An efficient Software-Defined Radio solution comes when all the aspects of system design are collectively addressed under application specifications and constraints. It includes all—the efforts to design wideband antennas, powerful software to process huge bandwidth of information, optimizations at hardware to maximize performance, and nevertheless to mention compilers and operating systems. It is important that every engineer or a scientist working on a particular block of SDR should have a bare-minimum understanding of the entire design stack. There is a need to have clear vision about the targets to be achieved, trade-offs to be made, and a unified approach so that all the objectives are measurable to enable a qualitative and quantitative analysis.

The contributions as chapters in the books provide conclusions and based on those we can indicate recommendations for future designs. Computationally intensive parallel processing tasks are suitable for homogeneous/heterogeneous multicore architectures. The cores in such platform can be chosen based on application scenarios, for example a general-purpose task is more suitable for a RISC processor to handle or signal processing task to a DSP. Special logic can be implemented on FPGAs and rASIPs can be used to allow maximum flexibility. The cores can communicate with each other over a network-on-chip or on an efficient bus architecture. If the objective is to provide maximum instruction-level parallelism, then multiple VLIW cores can be integrated together over a high-performance communication infrastructure. In such cases, LLVM-based C-compiler StreamIt-based compilers are optimal choices. Reconfigurable MPSoCs is also a good solution for SDRs as they are highly programmable and require a minimum knowledge of the underlying hardware by the SDR programmers. Open source libraries such as GNU radio will attract more programmers towards the SDR development. From a scalable communications core, we can expect that it yields several advantages including architectural efficiency, efficient interconnects, targeted flexibility and control as well as programmability. Tool development is also very important for consistent SDR evolution. We need tools that can do rapid prototyping, provide early synthesis results and near-accurate performance estimates. The tools should contain support for multiple compilers of different programming languages.

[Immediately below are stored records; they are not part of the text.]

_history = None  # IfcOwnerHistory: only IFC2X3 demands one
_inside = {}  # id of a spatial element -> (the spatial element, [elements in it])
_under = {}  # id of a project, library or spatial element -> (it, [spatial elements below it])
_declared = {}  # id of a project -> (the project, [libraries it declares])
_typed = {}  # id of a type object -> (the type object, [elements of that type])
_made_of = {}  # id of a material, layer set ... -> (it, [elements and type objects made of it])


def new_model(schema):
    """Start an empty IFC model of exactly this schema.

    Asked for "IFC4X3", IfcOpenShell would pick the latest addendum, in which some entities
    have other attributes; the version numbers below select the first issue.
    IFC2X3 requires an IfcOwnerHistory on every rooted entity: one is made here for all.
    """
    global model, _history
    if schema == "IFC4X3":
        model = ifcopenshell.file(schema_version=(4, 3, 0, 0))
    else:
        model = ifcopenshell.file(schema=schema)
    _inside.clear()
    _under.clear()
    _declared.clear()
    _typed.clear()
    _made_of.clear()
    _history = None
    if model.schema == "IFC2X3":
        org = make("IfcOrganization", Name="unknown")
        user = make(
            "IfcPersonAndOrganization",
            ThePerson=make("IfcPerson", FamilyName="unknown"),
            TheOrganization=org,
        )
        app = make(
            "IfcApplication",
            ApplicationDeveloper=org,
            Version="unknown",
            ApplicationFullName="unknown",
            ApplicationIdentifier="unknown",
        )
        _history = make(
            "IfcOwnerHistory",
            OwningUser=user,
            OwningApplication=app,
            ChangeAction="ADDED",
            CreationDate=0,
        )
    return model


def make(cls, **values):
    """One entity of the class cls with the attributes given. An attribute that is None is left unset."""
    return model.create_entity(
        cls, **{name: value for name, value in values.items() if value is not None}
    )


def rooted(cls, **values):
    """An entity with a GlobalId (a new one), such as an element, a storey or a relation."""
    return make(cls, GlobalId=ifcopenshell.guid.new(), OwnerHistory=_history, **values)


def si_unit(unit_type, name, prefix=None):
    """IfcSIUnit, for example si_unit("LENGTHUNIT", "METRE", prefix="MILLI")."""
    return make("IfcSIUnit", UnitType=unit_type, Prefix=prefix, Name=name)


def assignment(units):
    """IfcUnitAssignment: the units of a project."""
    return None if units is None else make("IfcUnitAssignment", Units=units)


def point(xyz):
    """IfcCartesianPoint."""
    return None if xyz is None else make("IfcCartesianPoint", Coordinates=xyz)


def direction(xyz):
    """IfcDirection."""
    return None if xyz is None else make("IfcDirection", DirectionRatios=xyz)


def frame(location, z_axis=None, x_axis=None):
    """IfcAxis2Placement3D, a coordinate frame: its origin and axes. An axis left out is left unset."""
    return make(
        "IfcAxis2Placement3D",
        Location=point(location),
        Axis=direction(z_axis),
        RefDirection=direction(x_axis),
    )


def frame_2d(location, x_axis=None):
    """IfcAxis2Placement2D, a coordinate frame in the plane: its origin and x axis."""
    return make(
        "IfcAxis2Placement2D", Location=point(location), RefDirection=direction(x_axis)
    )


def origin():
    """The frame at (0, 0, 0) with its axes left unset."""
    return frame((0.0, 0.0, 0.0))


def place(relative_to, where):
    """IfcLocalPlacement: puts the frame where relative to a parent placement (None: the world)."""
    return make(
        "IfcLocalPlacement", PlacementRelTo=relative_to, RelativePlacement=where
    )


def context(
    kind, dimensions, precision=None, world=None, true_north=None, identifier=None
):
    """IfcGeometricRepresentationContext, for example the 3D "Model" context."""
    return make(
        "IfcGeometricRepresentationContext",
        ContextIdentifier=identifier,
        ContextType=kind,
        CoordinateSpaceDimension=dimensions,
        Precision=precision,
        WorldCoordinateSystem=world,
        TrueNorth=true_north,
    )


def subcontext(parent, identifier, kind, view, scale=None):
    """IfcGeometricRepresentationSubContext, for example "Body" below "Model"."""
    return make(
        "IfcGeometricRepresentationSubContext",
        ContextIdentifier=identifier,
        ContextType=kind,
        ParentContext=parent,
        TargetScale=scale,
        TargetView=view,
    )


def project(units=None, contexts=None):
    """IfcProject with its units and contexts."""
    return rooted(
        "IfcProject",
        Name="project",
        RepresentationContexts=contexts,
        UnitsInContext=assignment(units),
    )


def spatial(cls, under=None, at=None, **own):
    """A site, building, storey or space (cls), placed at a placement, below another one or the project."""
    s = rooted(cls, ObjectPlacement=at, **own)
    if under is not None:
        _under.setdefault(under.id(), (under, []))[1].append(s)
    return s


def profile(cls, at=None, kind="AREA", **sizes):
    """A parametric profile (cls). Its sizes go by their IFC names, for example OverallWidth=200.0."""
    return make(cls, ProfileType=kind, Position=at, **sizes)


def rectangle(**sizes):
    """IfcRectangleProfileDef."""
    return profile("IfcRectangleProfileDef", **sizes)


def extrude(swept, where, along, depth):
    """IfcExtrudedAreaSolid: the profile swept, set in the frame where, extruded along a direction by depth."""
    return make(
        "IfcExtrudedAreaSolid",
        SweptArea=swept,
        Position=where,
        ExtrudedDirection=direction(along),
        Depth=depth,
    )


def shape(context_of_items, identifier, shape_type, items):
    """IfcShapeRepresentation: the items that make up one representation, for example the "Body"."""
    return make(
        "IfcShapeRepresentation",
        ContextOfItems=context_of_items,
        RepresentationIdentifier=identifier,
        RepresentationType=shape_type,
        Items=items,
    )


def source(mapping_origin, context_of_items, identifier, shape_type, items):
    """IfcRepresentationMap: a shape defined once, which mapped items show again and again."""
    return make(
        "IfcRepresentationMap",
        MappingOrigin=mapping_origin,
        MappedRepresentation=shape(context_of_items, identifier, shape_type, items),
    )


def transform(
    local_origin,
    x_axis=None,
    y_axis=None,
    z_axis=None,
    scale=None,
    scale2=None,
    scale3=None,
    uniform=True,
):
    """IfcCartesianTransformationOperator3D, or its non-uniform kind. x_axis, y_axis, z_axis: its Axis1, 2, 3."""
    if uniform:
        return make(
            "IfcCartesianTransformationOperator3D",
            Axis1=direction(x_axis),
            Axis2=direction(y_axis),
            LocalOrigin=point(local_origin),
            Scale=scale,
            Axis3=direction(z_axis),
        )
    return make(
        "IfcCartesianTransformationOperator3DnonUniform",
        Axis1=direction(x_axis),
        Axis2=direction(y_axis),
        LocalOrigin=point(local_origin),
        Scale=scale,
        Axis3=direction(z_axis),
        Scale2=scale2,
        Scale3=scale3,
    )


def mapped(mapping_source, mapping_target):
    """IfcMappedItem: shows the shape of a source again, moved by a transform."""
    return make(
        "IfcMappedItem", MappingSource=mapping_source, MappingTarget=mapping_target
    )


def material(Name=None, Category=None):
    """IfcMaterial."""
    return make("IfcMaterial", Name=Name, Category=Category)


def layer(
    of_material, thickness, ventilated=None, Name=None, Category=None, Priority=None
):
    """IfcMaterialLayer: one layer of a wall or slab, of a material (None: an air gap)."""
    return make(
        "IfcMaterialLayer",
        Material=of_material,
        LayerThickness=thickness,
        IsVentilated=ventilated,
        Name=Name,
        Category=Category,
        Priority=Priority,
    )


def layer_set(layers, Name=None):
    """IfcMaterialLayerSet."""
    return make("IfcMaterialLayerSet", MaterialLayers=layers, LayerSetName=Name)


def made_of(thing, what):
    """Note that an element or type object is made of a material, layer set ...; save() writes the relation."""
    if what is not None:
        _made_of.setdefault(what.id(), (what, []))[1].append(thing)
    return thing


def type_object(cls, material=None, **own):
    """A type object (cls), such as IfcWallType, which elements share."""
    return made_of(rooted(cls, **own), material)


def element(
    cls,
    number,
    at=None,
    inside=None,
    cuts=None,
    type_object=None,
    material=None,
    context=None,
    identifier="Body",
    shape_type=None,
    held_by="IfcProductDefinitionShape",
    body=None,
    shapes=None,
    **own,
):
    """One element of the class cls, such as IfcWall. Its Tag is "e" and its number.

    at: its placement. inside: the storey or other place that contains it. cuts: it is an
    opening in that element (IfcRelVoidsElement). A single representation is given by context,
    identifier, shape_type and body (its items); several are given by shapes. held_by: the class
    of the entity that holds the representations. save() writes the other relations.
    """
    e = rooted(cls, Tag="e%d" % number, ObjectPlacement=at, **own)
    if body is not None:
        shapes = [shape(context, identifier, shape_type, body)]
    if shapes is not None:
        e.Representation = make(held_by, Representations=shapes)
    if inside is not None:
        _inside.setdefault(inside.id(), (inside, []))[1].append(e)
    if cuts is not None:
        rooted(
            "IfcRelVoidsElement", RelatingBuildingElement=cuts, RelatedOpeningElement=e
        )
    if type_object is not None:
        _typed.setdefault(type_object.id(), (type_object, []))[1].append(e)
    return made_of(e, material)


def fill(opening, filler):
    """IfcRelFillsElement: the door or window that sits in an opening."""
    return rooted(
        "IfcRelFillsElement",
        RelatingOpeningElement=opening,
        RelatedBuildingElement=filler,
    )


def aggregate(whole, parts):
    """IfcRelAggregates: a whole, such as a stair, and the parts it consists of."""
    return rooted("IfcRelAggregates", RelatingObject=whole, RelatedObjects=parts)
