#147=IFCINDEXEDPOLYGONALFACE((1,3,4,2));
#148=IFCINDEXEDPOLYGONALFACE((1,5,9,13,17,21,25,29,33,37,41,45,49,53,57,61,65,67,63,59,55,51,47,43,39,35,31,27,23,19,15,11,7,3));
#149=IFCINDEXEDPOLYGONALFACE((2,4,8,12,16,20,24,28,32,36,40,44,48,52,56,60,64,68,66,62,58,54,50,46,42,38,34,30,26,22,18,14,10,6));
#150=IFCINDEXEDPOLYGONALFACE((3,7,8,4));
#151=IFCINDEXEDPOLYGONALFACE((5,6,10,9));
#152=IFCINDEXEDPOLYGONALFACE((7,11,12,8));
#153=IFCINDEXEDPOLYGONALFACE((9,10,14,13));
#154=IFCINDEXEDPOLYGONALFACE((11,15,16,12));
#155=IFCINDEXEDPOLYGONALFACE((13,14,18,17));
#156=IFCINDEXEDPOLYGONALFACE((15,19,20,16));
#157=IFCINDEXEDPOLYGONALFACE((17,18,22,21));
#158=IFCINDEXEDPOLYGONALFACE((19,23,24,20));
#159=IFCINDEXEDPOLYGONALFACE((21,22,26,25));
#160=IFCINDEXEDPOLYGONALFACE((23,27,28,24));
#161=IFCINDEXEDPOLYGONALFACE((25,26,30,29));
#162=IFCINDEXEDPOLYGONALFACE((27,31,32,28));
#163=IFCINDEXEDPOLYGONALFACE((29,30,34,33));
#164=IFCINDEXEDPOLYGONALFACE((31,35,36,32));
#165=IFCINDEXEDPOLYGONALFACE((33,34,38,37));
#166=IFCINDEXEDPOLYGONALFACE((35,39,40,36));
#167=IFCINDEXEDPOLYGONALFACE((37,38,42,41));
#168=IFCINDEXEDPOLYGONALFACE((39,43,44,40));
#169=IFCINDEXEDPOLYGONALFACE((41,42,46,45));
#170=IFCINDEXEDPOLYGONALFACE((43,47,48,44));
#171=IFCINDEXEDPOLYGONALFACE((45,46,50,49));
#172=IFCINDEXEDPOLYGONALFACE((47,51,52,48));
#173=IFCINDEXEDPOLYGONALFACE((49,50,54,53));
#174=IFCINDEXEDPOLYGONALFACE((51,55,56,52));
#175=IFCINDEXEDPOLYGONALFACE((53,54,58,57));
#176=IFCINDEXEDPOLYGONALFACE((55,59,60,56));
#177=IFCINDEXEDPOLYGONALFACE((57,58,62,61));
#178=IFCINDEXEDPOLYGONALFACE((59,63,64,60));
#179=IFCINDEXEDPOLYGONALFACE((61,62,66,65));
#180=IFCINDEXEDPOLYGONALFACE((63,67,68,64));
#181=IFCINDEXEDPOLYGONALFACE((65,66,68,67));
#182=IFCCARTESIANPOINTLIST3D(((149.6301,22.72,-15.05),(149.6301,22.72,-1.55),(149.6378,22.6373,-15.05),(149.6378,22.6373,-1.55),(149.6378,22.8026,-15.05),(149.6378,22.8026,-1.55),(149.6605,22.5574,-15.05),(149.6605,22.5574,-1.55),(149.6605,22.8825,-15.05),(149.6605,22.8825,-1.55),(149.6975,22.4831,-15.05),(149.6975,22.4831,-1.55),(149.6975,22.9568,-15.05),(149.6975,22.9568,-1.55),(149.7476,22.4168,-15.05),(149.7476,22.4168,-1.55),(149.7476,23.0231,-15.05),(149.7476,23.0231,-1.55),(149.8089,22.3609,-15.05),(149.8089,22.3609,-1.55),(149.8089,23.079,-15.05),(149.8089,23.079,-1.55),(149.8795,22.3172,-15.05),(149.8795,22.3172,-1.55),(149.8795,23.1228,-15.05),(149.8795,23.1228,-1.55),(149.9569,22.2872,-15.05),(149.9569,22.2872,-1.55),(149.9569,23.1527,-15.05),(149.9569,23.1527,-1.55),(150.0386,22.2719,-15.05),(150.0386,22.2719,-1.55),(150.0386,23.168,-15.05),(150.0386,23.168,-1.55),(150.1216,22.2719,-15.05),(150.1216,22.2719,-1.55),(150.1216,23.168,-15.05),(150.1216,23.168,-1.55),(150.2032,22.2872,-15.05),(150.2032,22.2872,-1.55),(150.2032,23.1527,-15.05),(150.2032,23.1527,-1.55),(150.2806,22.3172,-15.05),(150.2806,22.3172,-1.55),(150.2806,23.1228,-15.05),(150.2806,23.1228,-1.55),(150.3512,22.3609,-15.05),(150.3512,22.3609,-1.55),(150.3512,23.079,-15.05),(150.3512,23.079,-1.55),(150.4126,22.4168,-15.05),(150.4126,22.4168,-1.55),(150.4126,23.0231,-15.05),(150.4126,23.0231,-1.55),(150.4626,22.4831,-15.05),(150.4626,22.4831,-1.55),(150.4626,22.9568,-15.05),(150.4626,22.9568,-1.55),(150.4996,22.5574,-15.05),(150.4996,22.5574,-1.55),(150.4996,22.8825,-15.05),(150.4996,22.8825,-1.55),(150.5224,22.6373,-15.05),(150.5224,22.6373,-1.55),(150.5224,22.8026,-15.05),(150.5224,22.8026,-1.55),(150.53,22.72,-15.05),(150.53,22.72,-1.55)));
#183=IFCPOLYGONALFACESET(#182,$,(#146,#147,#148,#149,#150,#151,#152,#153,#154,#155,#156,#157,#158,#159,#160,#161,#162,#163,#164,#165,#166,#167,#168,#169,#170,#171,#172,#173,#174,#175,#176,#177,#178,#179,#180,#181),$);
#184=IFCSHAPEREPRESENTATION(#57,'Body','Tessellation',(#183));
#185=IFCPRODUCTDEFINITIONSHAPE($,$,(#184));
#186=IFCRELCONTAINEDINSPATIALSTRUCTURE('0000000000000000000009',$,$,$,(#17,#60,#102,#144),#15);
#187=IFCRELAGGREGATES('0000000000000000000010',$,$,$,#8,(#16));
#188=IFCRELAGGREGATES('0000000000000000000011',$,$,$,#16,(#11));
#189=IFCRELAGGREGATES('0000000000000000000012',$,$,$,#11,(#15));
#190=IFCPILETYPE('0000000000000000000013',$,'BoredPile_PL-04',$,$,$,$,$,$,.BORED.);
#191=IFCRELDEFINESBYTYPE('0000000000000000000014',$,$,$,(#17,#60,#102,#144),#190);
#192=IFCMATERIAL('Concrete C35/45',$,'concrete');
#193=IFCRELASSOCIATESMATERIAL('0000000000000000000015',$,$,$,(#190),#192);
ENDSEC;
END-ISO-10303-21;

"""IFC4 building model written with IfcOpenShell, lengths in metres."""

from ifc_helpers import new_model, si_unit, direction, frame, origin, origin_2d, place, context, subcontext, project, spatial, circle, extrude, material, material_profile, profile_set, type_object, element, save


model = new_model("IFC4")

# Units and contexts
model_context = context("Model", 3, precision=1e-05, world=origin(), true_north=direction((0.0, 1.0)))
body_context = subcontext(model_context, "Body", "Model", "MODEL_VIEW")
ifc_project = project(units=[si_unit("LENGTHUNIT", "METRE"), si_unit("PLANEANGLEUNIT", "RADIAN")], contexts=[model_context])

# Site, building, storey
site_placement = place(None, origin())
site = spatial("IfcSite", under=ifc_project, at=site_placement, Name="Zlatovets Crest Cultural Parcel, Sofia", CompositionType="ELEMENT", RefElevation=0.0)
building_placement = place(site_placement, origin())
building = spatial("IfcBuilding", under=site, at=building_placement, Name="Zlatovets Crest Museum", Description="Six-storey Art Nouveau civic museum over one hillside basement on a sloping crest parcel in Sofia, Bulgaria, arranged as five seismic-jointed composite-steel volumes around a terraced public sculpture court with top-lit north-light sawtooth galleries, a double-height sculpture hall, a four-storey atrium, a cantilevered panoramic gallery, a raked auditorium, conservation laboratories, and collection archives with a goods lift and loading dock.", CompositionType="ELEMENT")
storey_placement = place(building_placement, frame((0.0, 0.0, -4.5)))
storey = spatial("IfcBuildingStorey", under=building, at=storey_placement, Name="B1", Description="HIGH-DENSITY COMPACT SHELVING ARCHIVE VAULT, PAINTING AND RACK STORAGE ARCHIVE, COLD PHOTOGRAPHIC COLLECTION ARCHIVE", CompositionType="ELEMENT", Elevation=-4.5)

In the end, we can emphasize there is a need to continuously invent new applications to keep a high demand for SDR technology. All those interesting features that this books highlights come at a cost, i.e., power and area/resources. An SDR world—present day Internet-of-Things can become an environmental hazard due to the unprecedented energy requirements. It is urgently required that special emphasis should be given to the global view and idea of SDR design paradigm from all fields of technology.